Just three weeks ago, Aug. 31, the district's death toll was only 16.

Also this week, the first child died of COVID-19 in the state of Virginia, reported to be between the ages of 10 and 19.

The child was reported dead Friday in the Southside Health District, which borders North Carolina, and includes Brunswick, Halifax and Mecklenburg counties.

“We were extremely saddened to learn of the loss of the state’s first adolescent with COVID-19. On behalf of all of us at VDH, I extend sincere condolences to the teenager’s family and loved ones,” said State Health Commissioner M. Norman Oliver, M.D., M.A. “No age group is immune from the devastating impact of the COVID-19 pandemic, and this unfortunate event, along with the increasing numbers of coronavirus cases we are seeing in some areas of the Commonwealth, is a reminder that we all need to do our part to help slow the spread of virus in the community.”

The VDH will disclose no further information about the child to protect privacy and out of respect for the patient’s family.

Of the 34 deaths in Pittsylvania-Danville to date, three people were in their 40s, three people were in their 50s, seven people were in their 60s, four people were in their 70s and 17 people were over 80 years old at the time of death, according to information from the VDH.

Pittsylvania-Danville Monday reported a 10.6-percent positive testing rate, nearly 3 percent higher than last week and the highest in the state – also, nearly double the state average of 5.9 percent.

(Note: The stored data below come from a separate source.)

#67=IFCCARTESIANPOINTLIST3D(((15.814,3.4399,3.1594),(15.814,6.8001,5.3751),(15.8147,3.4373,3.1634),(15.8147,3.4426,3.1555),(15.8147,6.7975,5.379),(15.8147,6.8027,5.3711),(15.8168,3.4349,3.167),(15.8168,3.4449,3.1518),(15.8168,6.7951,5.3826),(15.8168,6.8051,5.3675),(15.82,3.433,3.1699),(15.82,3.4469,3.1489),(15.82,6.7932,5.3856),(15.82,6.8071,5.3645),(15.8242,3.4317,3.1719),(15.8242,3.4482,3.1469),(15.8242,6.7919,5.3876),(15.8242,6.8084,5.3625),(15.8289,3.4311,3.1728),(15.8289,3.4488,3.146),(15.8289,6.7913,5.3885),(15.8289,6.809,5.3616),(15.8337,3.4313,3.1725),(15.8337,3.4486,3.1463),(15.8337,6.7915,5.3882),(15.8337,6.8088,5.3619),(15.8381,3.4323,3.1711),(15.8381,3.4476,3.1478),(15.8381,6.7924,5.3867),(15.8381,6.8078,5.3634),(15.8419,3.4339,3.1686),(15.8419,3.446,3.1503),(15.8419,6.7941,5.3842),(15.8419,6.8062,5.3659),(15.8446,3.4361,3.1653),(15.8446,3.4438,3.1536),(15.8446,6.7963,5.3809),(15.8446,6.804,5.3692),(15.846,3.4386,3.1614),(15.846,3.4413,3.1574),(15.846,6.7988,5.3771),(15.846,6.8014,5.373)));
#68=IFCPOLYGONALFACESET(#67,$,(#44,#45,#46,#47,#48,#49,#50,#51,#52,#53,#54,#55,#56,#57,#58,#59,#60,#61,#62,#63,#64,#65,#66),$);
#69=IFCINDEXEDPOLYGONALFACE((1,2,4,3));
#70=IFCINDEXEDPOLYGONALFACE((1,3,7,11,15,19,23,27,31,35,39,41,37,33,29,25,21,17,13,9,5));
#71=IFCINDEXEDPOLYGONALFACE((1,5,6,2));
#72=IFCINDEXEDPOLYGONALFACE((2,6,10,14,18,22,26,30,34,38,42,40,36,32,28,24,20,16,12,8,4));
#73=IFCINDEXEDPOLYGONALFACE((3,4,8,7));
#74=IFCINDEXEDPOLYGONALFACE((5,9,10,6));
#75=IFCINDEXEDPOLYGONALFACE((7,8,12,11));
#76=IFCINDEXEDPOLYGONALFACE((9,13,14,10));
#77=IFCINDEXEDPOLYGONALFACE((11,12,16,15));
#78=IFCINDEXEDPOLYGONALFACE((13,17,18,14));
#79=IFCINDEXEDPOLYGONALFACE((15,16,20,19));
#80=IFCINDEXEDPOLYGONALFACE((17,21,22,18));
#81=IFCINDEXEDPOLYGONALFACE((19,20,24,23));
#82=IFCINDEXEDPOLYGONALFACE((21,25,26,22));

Locally, 20,889 have been tested for the virus, and 1,790 have tested positive.

In the commonwealth, health officials tested 1.9 million and 141,138 have tested positive.

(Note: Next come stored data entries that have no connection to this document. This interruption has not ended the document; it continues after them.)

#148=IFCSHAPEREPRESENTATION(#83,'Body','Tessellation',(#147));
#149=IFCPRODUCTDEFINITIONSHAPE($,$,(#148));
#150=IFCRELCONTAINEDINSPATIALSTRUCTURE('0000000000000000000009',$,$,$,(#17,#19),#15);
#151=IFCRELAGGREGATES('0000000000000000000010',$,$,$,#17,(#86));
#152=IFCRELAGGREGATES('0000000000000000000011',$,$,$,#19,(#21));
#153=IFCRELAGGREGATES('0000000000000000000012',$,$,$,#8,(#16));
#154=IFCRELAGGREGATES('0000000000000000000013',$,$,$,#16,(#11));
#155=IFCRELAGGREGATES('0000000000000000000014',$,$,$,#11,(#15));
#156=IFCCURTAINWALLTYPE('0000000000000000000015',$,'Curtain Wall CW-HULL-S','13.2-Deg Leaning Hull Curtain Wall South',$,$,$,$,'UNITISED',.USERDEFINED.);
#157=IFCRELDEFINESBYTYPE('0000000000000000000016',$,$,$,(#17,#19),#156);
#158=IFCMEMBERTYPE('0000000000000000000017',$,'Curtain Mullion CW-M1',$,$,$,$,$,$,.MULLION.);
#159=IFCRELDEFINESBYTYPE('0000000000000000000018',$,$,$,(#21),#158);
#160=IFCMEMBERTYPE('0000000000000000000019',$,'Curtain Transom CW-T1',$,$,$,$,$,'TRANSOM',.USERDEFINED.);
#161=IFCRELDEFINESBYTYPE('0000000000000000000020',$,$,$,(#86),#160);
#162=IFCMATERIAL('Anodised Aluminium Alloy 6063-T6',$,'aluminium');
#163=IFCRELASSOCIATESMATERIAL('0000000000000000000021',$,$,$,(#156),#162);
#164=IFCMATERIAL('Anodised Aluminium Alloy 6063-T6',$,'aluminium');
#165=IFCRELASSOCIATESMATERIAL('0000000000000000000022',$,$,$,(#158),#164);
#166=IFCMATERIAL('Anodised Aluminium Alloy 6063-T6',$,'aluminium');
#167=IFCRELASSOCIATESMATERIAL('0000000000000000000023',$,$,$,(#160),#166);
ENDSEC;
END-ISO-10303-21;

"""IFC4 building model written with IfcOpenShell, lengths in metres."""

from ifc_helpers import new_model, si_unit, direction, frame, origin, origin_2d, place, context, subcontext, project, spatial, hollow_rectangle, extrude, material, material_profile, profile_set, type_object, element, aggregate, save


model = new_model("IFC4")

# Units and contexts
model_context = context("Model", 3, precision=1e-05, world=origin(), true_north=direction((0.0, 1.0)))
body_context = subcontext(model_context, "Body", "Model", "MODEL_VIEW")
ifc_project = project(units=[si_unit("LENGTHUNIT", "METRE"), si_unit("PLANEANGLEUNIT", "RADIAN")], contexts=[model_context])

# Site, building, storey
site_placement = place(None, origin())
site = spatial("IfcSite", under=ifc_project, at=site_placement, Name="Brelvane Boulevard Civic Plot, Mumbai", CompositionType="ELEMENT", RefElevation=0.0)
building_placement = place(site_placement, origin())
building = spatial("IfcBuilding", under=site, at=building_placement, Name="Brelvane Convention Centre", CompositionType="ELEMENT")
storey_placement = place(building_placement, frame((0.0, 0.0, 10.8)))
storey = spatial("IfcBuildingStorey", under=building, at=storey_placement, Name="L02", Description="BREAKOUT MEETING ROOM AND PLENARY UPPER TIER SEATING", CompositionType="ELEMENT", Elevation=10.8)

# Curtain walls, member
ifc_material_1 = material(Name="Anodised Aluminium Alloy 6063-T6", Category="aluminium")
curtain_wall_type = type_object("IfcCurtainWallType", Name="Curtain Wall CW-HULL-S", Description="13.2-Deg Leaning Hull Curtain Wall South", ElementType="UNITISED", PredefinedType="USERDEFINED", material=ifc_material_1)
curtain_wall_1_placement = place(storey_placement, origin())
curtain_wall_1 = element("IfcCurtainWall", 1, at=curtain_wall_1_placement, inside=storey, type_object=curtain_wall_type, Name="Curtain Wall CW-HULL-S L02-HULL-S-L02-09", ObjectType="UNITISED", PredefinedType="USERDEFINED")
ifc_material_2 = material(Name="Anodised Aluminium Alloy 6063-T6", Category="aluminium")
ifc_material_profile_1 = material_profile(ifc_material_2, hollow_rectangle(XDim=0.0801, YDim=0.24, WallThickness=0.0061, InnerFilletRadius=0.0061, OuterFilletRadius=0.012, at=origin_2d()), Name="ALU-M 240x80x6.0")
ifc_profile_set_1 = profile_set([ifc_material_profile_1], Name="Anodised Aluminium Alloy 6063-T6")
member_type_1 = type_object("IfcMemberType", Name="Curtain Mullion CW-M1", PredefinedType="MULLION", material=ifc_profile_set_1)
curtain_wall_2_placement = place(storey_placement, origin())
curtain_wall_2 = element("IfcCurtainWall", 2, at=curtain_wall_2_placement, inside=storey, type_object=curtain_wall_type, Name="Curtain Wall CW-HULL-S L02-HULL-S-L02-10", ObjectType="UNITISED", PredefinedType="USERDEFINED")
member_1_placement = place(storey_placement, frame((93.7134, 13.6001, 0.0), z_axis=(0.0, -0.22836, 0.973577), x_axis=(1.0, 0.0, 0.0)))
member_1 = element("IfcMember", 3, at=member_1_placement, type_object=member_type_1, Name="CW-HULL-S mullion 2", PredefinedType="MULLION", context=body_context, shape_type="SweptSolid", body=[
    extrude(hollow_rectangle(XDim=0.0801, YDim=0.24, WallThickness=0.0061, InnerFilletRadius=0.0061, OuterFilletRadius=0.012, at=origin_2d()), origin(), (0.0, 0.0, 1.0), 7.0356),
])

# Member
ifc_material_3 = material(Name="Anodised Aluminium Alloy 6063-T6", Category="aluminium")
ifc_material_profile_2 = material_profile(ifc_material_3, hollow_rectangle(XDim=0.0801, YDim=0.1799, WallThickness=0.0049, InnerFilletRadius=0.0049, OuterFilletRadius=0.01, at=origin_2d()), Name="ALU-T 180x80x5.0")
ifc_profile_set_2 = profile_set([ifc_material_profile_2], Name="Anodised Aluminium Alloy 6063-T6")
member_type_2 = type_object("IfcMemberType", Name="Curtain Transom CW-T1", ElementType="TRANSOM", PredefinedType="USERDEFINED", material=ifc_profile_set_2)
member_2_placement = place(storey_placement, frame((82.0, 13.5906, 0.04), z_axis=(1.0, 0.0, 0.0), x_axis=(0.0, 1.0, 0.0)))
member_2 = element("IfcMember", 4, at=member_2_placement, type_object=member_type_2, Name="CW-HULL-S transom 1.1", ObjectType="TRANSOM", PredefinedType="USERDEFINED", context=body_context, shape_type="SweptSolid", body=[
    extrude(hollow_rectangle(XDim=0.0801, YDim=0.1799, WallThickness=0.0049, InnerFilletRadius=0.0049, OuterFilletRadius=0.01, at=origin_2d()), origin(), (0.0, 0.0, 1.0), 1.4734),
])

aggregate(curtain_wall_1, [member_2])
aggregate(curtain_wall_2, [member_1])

Pittsylvania-Danville accounts for 134 of Virginia's 10,613 hospitalizations.

Virginia's COVID-19 death toll stands at 3,021.

The VDH continues to urge all Virginians to continue to limit exposure by staying 6 feet from others and wearing a cloth mask while in public settings.

Washing hands often, staying home if you are sick and disinfecting high-touch surfaces are all very important ways to help prevent the spread of COVID-19, according to the CDC.

VDH officials maintain that all Virginians should continue to limit group gatherings of more than 250, continue to practice social distancing, avoid mass gatherings and avoid crowded places.